La décision est d’application immédiate. L’agent de contrôle communique par tout moyen sa décision à l’employeur.

La décision d’arrêt temporaire d’activité ne peut entraîner ni rupture, ni suspension du contrat de travail. Le non-respect des règles de sécurité étant imputable à l’employeur, la rémunération du ou des salariés doit au contraire être maintenue pendant l’arrêt de l’activité. Le fait pour l’employeur de ne pas se conformer aux mesures prises par l’agent de contrôle est puni d’un an d’emprisonnement et d’une amende de 3 750 euros, peine appliquée autant de fois que de salariés concernés.

Les obligations à la charge de l’employeur

Une fois la décision d’arrêt notifiée, l’employeur doit rapidement informer par écrit l’Inspection du travail des mesures prises pour faire cesser la situation de danger. Cette lettre est remise par tout moyen à l’inspecteur du travail. L’agent de contrôle vérifie en urgence, et au plus tard dans un délai de deux jours à compter de la date de réception de la lettre de l’employeur, le caractère approprié des mesures prises pour faire cesser la cause de danger grave et imminent.

Après vérification, il autorise ou non la reprise des travaux ou de l’activité concernée. Cette décision doit être notifiée au plus dans le délai d’un jour franc après la vérification d’urgence.

Comment contester une mesure d’arrêt d’activité ?

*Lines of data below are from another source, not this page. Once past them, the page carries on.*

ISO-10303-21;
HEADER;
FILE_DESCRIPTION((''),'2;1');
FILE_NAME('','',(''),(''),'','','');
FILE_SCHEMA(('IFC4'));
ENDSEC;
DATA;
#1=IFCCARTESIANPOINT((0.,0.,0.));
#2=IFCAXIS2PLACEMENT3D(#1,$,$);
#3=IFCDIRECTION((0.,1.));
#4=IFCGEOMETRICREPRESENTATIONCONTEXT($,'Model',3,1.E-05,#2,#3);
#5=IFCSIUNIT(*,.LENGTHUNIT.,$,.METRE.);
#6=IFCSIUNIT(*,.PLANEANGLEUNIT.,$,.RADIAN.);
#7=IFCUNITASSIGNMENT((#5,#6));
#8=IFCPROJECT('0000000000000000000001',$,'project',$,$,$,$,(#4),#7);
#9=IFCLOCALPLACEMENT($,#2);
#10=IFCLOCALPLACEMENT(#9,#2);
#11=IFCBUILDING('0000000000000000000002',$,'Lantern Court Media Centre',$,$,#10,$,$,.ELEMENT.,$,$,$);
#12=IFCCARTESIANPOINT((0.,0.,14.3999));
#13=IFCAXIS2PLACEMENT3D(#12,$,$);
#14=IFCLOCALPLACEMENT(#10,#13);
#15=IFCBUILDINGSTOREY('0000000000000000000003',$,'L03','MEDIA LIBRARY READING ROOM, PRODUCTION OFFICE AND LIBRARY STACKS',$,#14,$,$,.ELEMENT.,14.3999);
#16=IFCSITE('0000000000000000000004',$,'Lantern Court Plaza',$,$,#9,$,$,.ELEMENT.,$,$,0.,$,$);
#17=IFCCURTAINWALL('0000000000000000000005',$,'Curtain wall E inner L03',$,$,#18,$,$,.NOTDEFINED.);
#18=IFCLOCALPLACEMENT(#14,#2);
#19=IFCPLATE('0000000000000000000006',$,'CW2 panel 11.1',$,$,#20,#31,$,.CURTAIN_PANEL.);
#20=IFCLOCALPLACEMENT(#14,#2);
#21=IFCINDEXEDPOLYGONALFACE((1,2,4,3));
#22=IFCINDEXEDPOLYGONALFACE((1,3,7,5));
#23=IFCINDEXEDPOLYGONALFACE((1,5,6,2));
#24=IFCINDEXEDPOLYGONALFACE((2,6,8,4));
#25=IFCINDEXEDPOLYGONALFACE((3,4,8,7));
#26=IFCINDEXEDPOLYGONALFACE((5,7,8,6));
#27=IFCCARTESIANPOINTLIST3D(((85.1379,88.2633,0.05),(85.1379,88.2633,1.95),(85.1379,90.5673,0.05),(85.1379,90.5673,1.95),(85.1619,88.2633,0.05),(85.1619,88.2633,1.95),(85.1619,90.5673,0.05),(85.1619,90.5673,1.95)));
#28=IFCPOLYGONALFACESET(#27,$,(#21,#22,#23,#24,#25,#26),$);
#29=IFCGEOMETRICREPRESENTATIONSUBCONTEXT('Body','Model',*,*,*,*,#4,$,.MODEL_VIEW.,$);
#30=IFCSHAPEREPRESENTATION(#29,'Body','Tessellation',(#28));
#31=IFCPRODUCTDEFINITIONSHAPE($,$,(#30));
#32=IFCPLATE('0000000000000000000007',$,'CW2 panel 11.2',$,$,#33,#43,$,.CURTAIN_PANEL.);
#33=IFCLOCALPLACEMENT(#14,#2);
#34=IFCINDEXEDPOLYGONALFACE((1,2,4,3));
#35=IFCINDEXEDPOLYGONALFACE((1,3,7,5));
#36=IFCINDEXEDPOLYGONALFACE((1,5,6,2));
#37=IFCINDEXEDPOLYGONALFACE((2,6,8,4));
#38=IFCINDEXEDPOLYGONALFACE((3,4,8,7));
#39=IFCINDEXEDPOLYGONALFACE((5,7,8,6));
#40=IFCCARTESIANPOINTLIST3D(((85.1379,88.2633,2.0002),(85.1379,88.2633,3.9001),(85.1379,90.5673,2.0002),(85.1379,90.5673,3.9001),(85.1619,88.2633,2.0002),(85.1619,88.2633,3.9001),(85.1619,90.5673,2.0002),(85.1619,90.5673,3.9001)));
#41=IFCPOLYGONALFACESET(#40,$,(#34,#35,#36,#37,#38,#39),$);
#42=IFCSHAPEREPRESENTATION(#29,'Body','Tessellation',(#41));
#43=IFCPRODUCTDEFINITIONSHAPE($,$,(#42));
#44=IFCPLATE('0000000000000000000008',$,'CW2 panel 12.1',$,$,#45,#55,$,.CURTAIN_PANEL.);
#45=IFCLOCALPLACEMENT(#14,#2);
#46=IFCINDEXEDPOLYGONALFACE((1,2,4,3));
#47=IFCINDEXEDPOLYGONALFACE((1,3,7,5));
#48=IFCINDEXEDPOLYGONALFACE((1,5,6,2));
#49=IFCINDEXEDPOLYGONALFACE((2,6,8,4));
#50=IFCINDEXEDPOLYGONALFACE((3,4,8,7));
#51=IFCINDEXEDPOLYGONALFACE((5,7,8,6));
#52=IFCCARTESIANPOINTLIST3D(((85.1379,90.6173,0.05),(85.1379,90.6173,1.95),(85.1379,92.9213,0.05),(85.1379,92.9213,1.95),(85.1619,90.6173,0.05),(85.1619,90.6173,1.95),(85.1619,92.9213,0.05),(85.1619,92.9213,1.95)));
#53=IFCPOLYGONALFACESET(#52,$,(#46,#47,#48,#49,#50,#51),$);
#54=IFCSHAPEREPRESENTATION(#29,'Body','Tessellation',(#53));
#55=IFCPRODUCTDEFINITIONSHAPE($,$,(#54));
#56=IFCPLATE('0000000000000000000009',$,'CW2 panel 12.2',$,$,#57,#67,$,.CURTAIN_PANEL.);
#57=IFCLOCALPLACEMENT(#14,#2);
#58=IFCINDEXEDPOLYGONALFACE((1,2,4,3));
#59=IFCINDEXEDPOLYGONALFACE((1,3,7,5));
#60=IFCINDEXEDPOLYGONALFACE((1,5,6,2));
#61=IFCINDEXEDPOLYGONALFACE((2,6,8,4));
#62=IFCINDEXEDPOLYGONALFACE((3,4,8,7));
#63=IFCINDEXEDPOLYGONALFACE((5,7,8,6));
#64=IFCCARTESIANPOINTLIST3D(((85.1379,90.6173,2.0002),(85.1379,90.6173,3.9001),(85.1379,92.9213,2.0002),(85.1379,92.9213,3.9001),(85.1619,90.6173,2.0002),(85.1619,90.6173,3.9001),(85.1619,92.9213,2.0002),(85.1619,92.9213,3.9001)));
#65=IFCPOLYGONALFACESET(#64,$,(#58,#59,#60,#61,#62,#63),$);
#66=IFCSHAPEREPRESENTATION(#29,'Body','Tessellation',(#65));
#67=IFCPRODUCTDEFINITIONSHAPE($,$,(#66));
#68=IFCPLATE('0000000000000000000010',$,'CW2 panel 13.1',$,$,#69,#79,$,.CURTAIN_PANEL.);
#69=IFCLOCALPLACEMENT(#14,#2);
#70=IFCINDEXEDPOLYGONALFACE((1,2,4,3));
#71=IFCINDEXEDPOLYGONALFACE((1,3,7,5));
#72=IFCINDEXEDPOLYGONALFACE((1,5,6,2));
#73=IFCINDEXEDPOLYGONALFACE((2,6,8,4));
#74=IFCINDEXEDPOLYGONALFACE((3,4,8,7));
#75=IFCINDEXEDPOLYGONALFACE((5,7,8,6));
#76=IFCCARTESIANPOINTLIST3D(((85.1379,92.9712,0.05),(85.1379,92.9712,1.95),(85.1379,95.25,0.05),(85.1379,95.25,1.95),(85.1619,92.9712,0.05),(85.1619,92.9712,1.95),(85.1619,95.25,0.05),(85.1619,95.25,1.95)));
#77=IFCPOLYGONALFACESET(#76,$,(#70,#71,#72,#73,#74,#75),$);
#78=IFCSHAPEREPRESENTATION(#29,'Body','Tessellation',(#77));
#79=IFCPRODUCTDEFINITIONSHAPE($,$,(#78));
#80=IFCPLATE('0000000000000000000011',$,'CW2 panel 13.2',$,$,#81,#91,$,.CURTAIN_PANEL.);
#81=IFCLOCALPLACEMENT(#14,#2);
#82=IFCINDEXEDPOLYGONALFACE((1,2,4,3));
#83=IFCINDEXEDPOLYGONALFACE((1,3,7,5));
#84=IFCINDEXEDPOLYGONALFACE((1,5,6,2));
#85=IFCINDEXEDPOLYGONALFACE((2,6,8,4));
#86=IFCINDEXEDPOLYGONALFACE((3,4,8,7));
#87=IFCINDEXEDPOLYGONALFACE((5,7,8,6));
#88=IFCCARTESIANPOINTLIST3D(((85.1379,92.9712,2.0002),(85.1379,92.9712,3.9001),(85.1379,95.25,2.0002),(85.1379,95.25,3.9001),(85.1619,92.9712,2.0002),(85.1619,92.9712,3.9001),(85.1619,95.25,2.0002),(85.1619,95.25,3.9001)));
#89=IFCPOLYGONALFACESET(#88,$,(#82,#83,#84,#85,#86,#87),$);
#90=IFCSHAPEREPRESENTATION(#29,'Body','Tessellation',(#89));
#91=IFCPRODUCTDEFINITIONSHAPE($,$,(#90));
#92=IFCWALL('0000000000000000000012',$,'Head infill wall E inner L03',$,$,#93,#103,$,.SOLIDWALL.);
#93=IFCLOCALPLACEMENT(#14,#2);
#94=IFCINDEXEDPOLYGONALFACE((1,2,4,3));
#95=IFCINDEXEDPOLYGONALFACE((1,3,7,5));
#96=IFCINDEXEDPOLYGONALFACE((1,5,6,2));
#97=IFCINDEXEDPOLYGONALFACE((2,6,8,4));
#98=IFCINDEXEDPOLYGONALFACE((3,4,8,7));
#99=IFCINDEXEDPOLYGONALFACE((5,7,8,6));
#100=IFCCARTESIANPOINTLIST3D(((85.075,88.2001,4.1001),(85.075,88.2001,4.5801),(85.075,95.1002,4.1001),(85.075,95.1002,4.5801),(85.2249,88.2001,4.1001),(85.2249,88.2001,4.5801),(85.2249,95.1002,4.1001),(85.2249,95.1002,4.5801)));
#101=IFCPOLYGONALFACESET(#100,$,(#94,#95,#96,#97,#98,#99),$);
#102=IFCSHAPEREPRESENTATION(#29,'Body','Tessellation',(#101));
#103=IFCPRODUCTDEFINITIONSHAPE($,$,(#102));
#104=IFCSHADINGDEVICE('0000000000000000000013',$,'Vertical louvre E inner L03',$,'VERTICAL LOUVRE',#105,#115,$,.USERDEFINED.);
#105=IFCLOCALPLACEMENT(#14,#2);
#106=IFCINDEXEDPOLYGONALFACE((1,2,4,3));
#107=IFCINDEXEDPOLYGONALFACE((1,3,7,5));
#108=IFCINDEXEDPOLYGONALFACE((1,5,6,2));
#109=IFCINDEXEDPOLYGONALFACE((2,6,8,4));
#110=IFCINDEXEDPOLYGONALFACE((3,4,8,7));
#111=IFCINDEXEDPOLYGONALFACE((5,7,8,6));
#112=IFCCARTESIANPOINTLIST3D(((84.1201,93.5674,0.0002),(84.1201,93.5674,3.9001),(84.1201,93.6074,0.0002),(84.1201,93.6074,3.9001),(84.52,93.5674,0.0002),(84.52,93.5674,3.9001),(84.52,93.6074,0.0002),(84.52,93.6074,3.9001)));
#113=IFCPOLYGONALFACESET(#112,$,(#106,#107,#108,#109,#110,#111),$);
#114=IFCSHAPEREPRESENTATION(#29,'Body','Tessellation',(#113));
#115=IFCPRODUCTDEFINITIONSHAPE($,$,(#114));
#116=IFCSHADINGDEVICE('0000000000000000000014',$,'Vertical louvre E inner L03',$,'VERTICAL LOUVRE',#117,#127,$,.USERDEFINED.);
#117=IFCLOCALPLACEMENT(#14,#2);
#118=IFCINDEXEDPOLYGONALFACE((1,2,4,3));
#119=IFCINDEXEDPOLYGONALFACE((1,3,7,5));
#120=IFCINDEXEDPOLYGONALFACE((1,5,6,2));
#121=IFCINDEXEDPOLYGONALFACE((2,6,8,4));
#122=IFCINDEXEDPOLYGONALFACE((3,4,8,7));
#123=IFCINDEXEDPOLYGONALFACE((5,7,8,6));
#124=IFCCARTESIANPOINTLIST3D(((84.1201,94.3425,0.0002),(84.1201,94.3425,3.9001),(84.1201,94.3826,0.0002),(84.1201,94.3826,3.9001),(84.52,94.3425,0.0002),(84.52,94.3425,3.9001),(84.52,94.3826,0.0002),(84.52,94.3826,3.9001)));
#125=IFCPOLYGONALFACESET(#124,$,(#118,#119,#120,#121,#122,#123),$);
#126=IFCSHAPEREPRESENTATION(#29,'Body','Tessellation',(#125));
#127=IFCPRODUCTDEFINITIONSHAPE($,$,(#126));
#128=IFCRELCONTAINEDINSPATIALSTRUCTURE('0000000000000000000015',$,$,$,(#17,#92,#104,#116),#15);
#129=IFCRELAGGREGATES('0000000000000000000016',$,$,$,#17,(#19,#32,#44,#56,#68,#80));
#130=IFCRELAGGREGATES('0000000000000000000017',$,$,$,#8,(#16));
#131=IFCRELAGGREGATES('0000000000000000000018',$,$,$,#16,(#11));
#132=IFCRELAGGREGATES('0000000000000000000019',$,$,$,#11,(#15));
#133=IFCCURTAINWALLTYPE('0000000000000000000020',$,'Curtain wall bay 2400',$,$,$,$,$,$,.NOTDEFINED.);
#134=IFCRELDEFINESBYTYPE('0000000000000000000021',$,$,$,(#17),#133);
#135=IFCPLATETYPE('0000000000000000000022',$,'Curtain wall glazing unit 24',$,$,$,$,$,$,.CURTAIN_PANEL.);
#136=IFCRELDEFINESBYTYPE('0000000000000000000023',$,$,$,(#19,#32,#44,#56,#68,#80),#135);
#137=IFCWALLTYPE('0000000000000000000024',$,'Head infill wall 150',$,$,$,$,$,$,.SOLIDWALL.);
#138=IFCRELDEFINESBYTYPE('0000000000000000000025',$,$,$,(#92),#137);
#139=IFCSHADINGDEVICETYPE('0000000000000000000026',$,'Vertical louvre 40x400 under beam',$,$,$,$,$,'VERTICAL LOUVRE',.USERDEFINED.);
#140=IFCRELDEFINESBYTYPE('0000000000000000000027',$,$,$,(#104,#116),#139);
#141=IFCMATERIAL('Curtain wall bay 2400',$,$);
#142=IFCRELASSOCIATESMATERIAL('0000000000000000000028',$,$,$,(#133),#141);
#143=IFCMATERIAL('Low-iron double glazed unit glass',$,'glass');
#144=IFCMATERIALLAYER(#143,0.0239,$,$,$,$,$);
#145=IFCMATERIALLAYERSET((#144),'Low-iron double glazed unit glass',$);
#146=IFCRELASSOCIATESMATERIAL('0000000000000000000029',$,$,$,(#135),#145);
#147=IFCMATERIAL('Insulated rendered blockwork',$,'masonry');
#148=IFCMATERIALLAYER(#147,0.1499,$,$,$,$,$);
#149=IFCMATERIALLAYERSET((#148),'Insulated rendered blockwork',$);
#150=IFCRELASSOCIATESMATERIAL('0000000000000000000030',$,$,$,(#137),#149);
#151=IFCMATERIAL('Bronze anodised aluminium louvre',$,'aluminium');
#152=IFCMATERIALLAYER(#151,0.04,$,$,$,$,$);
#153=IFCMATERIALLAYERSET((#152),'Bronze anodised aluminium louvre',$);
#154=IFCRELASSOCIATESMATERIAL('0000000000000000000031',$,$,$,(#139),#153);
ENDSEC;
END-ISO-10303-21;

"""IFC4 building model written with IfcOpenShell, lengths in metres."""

from ifc_helpers import new_model, si_unit, direction, frame, frame_2d, origin, origin_2d, place, context, subcontext, project, spatial, rectangle, extrude, material, layer, layer_set, type_object, element, aggregate, save


model = new_model("IFC4")

# Units and contexts
model_context = context("Model", 3, precision=1e-05, world=origin(), true_north=direction((0.0, 1.0)))
body_context = subcontext(model_context, "Body", "Model", "MODEL_VIEW")
ifc_project = project(units=[si_unit("LENGTHUNIT", "METRE"), si_unit("PLANEANGLEUNIT", "RADIAN")], contexts=[model_context])

# Site, building, storey
site_placement = place(None, origin())
site = spatial("IfcSite", under=ifc_project, at=site_placement, Name="Lantern Court Plaza", CompositionType="ELEMENT", RefElevation=0.0)
building_placement = place(site_placement, origin())
building = spatial("IfcBuilding", under=site, at=building_placement, Name="Lantern Court Media Centre", CompositionType="ELEMENT")
storey_placement = place(building_placement, frame((0.0, 0.0, 14.3999)))
storey = spatial("IfcBuildingStorey", under=building, at=storey_placement, Name="L03", Description="MEDIA LIBRARY READING ROOM, PRODUCTION OFFICE AND LIBRARY STACKS", CompositionType="ELEMENT", Elevation=14.3999)

# Curtain wall
ifc_material_1 = material(Name="Curtain wall bay 2400")
curtain_wall_type = type_object("IfcCurtainWallType", Name="Curtain wall bay 2400", PredefinedType="NOTDEFINED", material=ifc_material_1)
curtain_wall_placement = place(storey_placement, origin())
curtain_wall = element("IfcCurtainWall", 1, at=curtain_wall_placement, inside=storey, type_object=curtain_wall_type, Name="Curtain wall E inner L03", PredefinedType="NOTDEFINED")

Étrangement, avant l’ordonnance du 7 avril 2016 relative au contrôle de l’application du droit du travail, le contentieux d’une mesure d’arrêt d’activité relevait de la compétence du président du Tribunal de Grande instance qui pouvait statuer en référé. Par souci de cohérence, le gouvernement a souhaité transférer la contestation de cette mesure vers son juge naturel : le juge administratif. À ce titre, le Conseil d’État souligne que la contestation d’une telle mesure relève désormais « du droit commun des recours devant le juge administratif, c’est-à-dire, au fond, du recours pour excès de pouvoir et aussi, pour le référé que mentionne explicitement l’article L. 4731-4, des dispositions des articles L. 521-1 et L. 521-2 du code de justice administrative ».

Ainsi, principalement deux voies de contestation s’ouvrent à l’employeur qui désirerait s’opposer à une telle mesure. D’une part, il peut introduire un référé-suspension prévu à l’article L. 521-1 du Code de justice administrative. Il lui faudra prouver l’urgence à statuer (en produisant, par exemple, des bilans comptables mettant en lumière les larges pertes financières provoquées par la décision de l’Inspection du travail) et l’illégalité de la décision (en se référant à la forme, ou au fond de la décision : existait-il vraiment un danger grave et imminent ?). En cas d’urgence absolue l’employeur pourra également introduire un référé-liberté prévu à l’article L. 521-2 du même code. Pour cela, il lui faudra également prouver l’urgence à statuer ainsi que l’existence d’une atteinte grave et manifestement illégale à une liberté fondamentale (liberté d’entreprendre et droit de propriété).

Le Conseil d’État estime que ces deux recours permettent une « contestation utile » de la mesure, de sorte qu’ils ne portent pas atteinte au droit à un recours juridictionnel effectif ni à la liberté d’entreprendre.